A l’heure de la mondialisation, tous les pays du monde auraient dû réagir de la même manière à la menace, identique pour tous, de la Covid-19. Tel ne fut pas du tout le cas. Alertés par l’épidémie du SRAS en 2004, la Corée du Sud, Taiwan et Hong-Kong ont réagi efficacement alors que les Etats-Unis et l’Europe s’estimaient hors d’atteinte des virus asiatiques. A cette surprise aux conséquences catastrophiques, s’ajoute un cruel paradoxe : l’Organisation mondiale de la Santé, qui aurait dû coordonner la lutte, n’a pas accompli sa mission.

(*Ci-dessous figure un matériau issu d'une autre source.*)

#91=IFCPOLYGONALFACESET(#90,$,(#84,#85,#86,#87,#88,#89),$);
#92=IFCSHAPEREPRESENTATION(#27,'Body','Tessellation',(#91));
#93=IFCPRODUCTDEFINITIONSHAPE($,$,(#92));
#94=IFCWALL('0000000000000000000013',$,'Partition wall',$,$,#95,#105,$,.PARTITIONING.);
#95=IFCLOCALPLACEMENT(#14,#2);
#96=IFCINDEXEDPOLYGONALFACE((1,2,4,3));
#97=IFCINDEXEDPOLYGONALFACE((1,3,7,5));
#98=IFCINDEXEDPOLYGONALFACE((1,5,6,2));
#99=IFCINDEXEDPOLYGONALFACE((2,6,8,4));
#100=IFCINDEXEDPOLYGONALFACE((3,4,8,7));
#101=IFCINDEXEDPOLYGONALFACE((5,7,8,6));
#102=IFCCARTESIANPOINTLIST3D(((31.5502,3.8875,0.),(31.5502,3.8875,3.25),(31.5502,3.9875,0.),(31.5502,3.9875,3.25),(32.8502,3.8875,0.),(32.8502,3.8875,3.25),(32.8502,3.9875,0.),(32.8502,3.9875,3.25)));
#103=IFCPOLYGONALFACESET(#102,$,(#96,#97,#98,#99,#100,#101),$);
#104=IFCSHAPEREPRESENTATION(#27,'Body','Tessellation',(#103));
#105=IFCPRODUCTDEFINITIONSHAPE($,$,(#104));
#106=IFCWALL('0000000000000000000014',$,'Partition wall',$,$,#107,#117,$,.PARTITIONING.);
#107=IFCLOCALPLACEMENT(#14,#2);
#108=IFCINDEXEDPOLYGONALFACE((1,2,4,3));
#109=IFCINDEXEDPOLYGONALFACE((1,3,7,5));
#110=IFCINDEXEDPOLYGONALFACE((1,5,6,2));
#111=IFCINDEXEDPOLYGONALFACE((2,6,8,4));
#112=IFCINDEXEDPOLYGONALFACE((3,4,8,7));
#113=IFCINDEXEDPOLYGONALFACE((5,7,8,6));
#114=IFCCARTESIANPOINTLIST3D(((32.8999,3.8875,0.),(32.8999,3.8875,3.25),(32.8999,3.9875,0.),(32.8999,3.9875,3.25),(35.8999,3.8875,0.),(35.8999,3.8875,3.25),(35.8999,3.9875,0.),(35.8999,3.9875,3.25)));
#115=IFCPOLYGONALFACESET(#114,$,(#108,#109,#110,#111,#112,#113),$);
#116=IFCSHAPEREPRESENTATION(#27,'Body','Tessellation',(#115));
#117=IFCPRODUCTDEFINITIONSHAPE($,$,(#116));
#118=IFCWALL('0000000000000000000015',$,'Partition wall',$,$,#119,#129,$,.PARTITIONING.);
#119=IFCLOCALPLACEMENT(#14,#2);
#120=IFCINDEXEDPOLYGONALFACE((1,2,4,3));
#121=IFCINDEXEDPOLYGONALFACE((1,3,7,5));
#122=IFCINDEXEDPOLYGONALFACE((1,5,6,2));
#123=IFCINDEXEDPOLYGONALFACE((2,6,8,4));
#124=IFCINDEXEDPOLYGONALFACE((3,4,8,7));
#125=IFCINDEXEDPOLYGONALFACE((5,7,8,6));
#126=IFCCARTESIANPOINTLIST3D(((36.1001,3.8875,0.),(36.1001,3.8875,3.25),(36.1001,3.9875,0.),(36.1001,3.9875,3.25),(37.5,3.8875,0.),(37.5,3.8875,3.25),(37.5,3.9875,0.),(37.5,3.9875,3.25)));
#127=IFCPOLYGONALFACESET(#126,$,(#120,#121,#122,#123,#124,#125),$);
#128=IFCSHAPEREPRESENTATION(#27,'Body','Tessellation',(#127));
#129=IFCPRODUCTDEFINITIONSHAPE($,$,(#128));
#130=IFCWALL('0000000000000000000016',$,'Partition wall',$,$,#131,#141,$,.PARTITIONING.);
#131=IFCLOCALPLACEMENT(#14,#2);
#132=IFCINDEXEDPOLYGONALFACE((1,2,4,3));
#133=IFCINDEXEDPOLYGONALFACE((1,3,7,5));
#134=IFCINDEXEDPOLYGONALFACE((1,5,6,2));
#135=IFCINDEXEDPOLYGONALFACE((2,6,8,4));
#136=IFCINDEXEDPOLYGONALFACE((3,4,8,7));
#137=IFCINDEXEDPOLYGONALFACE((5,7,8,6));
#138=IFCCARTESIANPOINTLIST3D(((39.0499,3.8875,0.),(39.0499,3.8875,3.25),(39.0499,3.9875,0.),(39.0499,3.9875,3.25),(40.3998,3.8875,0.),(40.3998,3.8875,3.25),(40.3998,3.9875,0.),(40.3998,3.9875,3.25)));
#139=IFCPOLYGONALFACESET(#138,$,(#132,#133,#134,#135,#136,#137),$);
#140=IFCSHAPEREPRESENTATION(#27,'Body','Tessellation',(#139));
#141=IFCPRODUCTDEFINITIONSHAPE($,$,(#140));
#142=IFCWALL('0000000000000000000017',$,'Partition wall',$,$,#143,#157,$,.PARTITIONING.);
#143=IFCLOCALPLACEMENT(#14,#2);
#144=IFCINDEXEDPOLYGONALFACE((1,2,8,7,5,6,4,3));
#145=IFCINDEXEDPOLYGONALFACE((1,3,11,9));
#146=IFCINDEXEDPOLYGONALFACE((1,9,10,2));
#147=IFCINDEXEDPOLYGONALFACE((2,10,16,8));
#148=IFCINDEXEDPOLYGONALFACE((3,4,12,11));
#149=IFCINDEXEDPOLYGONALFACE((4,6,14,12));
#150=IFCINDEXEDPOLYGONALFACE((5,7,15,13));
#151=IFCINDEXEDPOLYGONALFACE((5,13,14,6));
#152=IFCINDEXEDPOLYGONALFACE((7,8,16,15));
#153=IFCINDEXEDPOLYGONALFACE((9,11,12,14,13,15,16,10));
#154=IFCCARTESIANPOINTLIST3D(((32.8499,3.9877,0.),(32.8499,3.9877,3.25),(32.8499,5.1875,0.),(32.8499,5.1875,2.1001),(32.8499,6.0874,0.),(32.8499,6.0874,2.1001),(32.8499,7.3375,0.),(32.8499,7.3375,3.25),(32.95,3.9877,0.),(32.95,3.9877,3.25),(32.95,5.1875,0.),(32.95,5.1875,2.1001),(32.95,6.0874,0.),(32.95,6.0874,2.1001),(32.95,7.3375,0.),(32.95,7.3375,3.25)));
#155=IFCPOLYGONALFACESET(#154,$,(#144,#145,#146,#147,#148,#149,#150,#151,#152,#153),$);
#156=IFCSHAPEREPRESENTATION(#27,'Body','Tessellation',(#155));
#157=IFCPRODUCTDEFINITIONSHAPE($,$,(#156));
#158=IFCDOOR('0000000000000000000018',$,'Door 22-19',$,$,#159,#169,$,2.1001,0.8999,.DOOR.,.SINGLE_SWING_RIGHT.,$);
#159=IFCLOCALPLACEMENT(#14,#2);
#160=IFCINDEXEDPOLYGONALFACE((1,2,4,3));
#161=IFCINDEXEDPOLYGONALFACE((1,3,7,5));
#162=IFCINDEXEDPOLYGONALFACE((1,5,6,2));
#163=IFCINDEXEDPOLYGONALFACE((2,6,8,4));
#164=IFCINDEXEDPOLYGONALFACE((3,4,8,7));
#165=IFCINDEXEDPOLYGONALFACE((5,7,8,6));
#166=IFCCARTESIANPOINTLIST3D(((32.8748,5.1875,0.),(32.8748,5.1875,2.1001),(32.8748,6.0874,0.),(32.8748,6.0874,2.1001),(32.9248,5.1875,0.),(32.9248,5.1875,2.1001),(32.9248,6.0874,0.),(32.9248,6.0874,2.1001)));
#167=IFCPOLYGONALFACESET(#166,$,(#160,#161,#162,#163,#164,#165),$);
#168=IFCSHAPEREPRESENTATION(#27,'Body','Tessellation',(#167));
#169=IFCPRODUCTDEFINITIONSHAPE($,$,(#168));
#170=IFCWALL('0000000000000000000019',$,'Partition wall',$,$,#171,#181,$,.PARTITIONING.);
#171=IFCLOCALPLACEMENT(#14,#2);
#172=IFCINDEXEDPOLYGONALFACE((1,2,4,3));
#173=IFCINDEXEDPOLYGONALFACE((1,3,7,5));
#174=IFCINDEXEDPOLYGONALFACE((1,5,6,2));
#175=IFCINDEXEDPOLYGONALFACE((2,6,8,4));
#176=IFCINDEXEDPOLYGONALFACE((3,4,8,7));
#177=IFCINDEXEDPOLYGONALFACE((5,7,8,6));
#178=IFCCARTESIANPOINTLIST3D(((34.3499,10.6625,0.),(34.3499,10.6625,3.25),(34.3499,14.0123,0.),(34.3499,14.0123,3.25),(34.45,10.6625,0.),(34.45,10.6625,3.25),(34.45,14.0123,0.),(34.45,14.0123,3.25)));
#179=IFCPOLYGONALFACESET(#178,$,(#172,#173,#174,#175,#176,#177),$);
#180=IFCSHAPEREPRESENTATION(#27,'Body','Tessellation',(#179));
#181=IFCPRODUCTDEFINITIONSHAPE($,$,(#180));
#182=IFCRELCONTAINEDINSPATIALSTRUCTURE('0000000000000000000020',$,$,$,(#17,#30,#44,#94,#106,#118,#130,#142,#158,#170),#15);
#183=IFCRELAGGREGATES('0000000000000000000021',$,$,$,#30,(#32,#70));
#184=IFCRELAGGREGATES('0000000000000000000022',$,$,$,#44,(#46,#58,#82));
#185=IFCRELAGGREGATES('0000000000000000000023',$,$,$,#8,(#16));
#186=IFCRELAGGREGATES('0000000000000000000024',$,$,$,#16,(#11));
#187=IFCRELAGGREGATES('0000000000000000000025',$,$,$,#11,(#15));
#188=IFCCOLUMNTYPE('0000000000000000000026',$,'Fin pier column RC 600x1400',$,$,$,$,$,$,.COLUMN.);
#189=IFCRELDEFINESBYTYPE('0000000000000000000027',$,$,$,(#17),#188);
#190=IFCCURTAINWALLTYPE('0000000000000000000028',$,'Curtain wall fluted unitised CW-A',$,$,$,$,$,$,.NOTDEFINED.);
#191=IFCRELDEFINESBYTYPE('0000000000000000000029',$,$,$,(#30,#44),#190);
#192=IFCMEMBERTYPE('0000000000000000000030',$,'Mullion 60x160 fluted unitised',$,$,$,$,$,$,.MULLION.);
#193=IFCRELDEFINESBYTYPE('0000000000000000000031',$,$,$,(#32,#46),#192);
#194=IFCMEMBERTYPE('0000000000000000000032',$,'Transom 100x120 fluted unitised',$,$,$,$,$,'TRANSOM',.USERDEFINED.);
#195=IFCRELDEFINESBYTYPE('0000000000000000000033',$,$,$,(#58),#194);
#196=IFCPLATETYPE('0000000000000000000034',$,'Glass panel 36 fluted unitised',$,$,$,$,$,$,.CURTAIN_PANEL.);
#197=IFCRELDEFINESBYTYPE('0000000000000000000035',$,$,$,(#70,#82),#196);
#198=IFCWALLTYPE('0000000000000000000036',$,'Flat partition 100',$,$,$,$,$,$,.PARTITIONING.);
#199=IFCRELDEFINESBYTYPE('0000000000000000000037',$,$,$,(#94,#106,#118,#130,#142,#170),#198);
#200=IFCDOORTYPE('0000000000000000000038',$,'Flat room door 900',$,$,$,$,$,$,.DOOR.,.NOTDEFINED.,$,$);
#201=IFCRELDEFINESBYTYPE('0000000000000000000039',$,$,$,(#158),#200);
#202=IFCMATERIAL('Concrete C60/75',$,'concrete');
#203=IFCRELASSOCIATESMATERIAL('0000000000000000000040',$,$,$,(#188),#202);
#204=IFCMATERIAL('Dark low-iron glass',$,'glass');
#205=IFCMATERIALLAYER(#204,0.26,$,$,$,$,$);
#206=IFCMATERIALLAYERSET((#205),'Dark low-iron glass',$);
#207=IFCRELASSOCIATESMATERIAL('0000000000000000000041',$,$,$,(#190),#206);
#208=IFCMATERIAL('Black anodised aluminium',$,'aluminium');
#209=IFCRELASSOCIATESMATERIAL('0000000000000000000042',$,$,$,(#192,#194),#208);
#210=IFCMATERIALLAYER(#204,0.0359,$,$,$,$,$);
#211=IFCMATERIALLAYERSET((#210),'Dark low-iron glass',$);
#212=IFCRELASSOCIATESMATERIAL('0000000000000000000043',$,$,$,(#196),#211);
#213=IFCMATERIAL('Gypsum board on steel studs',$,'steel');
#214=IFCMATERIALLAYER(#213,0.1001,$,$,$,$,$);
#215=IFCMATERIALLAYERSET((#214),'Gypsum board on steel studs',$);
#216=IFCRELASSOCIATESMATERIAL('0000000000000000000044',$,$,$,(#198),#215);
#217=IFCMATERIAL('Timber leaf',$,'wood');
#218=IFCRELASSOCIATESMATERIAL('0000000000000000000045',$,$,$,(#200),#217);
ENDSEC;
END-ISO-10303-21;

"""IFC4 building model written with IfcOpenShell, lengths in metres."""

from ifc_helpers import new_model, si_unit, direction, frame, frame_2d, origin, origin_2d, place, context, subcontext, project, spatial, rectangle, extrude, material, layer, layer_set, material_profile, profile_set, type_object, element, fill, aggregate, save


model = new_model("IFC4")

Face à l’incertitude radicale provoquée par la pandémie, les réactions étatiques, désordonnées, se sont faites selon les particularités historiques, les systèmes sociaux et les imaginaires propres à chaque nation – hors des cadres tracés par les économistes néo-libéraux. “L’ordre spontané”, l’allocation optimale des ressources par le Marché, les calculs rationnels des agents et des firmes ont disparu des discours car il a fallu recourir, après la surprise initiale et en toute urgence, à une intervention massive des Etats et des Banques centrales sans plus se soucier de l’équilibre budgétaire et du poids de la dette publique.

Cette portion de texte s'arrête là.